The least the city could do is provide several more vans and return to its twice an hour shuttle service to downtown from the Armory Shelter and Overlook camp. My friend, 70-year-old Nikki, complained that she had to walk to town in defiance of shelter staff so she could make it to her job on time. “I don’t care if they kick me out,” she told me as the wind whipped around us at the Town Clock. We also need to see an accounting of the $14 million the state gave the city to help the homeless because we are not seeing $14 million in services and housing.
It seems that the parking garage is emerging as a central struggle in the defense of our town from the property speculating vultures and their puppets at City Hall. This might account for the heavy-handed way they tried to force us into the storm.

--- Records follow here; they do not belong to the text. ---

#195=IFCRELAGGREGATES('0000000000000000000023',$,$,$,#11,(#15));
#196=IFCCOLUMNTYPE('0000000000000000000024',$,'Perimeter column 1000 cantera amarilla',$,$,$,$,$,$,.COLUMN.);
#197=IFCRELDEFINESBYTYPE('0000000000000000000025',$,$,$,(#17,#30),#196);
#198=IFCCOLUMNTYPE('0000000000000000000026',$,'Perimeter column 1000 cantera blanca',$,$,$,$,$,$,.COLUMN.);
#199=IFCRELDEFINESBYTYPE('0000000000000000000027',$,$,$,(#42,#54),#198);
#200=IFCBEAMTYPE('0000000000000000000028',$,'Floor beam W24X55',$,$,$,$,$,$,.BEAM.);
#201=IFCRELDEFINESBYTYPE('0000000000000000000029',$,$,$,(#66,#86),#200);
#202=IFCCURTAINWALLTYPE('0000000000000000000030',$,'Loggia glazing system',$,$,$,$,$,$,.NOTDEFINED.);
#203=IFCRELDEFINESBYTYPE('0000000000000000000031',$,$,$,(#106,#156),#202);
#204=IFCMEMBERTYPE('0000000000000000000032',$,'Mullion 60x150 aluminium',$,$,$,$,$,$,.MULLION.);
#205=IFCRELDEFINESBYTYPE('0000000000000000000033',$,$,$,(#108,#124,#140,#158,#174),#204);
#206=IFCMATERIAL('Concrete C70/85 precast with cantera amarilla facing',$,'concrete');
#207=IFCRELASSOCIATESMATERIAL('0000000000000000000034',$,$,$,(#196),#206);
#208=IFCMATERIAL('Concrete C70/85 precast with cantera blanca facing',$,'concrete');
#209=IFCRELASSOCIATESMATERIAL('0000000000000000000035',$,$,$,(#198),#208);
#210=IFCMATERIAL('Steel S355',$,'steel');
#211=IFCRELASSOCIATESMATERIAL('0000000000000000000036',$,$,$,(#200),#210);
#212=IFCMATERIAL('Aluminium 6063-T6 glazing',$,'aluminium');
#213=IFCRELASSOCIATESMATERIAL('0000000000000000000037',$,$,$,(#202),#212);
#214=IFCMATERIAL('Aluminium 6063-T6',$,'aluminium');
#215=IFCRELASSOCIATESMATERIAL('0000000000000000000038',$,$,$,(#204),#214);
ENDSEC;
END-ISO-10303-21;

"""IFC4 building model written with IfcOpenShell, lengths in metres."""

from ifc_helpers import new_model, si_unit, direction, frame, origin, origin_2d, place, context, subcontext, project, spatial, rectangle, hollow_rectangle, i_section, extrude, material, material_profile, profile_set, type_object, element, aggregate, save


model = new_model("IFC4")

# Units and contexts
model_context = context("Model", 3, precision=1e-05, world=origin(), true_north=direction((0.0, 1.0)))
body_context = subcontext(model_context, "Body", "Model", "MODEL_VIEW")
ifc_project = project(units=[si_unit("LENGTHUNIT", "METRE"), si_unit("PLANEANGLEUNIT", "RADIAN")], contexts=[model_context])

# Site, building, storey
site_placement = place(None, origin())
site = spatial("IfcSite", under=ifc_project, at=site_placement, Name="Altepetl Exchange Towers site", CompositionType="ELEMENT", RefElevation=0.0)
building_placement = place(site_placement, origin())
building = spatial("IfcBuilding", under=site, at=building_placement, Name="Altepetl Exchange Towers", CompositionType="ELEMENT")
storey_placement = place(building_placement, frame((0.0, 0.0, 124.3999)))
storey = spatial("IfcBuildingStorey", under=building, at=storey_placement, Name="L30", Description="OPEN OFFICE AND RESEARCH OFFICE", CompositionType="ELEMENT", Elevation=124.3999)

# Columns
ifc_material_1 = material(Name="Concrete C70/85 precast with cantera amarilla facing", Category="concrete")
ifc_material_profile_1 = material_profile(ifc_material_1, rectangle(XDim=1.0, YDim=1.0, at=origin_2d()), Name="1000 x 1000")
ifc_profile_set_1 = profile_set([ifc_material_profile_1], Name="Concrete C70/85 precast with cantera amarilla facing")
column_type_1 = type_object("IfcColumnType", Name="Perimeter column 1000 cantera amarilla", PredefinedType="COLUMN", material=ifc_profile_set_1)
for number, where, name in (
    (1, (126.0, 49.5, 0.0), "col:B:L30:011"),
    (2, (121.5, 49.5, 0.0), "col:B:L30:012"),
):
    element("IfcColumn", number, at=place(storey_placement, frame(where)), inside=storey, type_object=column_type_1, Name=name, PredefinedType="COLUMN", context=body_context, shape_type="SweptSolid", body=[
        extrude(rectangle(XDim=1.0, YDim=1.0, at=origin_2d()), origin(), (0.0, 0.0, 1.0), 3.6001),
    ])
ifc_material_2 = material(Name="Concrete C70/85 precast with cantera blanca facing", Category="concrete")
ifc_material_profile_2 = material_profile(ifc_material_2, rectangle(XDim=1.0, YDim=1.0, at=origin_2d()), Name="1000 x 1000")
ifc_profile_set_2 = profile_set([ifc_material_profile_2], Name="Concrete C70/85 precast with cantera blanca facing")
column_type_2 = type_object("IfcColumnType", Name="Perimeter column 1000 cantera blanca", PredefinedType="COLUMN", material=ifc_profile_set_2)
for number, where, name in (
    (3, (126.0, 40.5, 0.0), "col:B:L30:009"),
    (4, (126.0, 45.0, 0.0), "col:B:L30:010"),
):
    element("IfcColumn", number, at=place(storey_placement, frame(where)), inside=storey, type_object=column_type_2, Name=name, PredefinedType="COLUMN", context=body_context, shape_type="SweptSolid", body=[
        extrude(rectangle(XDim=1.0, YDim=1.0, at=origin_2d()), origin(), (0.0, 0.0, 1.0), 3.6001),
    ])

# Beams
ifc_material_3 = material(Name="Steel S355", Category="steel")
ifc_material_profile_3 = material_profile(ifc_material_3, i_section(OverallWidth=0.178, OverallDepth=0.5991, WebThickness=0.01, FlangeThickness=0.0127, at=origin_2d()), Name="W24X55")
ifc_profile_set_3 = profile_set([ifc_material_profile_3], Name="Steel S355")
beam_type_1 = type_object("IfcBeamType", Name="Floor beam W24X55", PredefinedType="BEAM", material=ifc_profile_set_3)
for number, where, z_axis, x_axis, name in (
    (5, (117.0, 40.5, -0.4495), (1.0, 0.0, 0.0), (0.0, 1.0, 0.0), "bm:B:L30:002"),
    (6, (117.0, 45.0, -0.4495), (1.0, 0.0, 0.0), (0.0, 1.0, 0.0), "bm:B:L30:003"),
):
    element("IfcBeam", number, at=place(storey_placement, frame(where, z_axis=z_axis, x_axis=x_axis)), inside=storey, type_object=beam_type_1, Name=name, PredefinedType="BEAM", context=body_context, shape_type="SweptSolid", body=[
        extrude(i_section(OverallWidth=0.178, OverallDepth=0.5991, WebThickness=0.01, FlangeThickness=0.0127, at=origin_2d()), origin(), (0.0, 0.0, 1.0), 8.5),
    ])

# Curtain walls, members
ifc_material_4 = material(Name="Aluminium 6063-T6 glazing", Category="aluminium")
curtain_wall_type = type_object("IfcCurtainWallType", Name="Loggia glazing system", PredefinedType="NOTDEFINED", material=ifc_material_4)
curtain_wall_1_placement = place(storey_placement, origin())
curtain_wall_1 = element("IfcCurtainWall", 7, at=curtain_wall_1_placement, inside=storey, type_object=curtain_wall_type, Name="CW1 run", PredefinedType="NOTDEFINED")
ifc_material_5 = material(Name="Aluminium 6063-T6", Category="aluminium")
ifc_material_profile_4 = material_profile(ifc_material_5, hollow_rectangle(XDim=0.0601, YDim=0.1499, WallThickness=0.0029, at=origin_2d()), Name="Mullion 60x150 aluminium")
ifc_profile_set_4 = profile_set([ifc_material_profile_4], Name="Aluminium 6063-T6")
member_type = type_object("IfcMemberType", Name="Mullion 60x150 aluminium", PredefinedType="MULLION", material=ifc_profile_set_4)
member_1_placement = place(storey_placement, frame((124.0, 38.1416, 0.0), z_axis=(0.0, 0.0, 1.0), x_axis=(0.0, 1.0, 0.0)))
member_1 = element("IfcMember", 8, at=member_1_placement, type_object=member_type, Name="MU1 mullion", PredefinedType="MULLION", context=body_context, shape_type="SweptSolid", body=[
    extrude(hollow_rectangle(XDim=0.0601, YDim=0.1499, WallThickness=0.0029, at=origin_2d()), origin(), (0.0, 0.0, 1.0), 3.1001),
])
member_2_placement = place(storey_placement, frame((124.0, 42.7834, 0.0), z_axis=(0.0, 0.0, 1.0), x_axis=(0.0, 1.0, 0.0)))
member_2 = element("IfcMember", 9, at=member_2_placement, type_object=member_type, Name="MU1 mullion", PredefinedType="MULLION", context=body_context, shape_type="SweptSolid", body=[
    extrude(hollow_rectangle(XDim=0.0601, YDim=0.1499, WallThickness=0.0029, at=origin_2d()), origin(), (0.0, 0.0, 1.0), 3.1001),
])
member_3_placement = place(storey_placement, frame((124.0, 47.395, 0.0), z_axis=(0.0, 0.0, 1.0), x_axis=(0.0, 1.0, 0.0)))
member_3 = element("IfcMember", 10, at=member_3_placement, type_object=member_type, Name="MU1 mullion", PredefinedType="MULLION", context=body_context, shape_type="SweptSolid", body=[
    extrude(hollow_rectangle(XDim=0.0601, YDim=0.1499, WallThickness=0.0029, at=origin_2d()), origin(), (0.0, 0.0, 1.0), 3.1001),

After years of citizen resistance to the construction of a huge garage replacing our farmers market, and the killing of several heritage trees, the city plans to ignore the will of our community and go forward with plans to accommodate the wishes of global hedge funds. There is money to be made in parking the spoils of corporate plunder in luxury condominiums while providing their wealthy owners with city-financed parking.
Governments that refuse to feed its hungry are in no position to tell those of us who are providing meals for the community how we are to meet those needs.
Food Not Bombs is hosting Santa Cruz Prepares on Sunday, Jan.15 at 6pm at the Resource Center for Nonviolence, 612 Ocean St. in Santa Cruz. Our compassion will be required to navigate the difficulties ahead. We plan to discuss the logistics of survival as the economy crashes and we face cuts in electricity, food shortages, the possible transition into a cashless digital security state, and the increase in poverty. We need your participation.
The threat to our freedom is advancing at a startling pace. Small acts of defiance to the dystopian corporate state are essential if we have any hope of saving our humanity and dignity. I plan to live free even if it means I must be jailed to protect these last threads of liberty.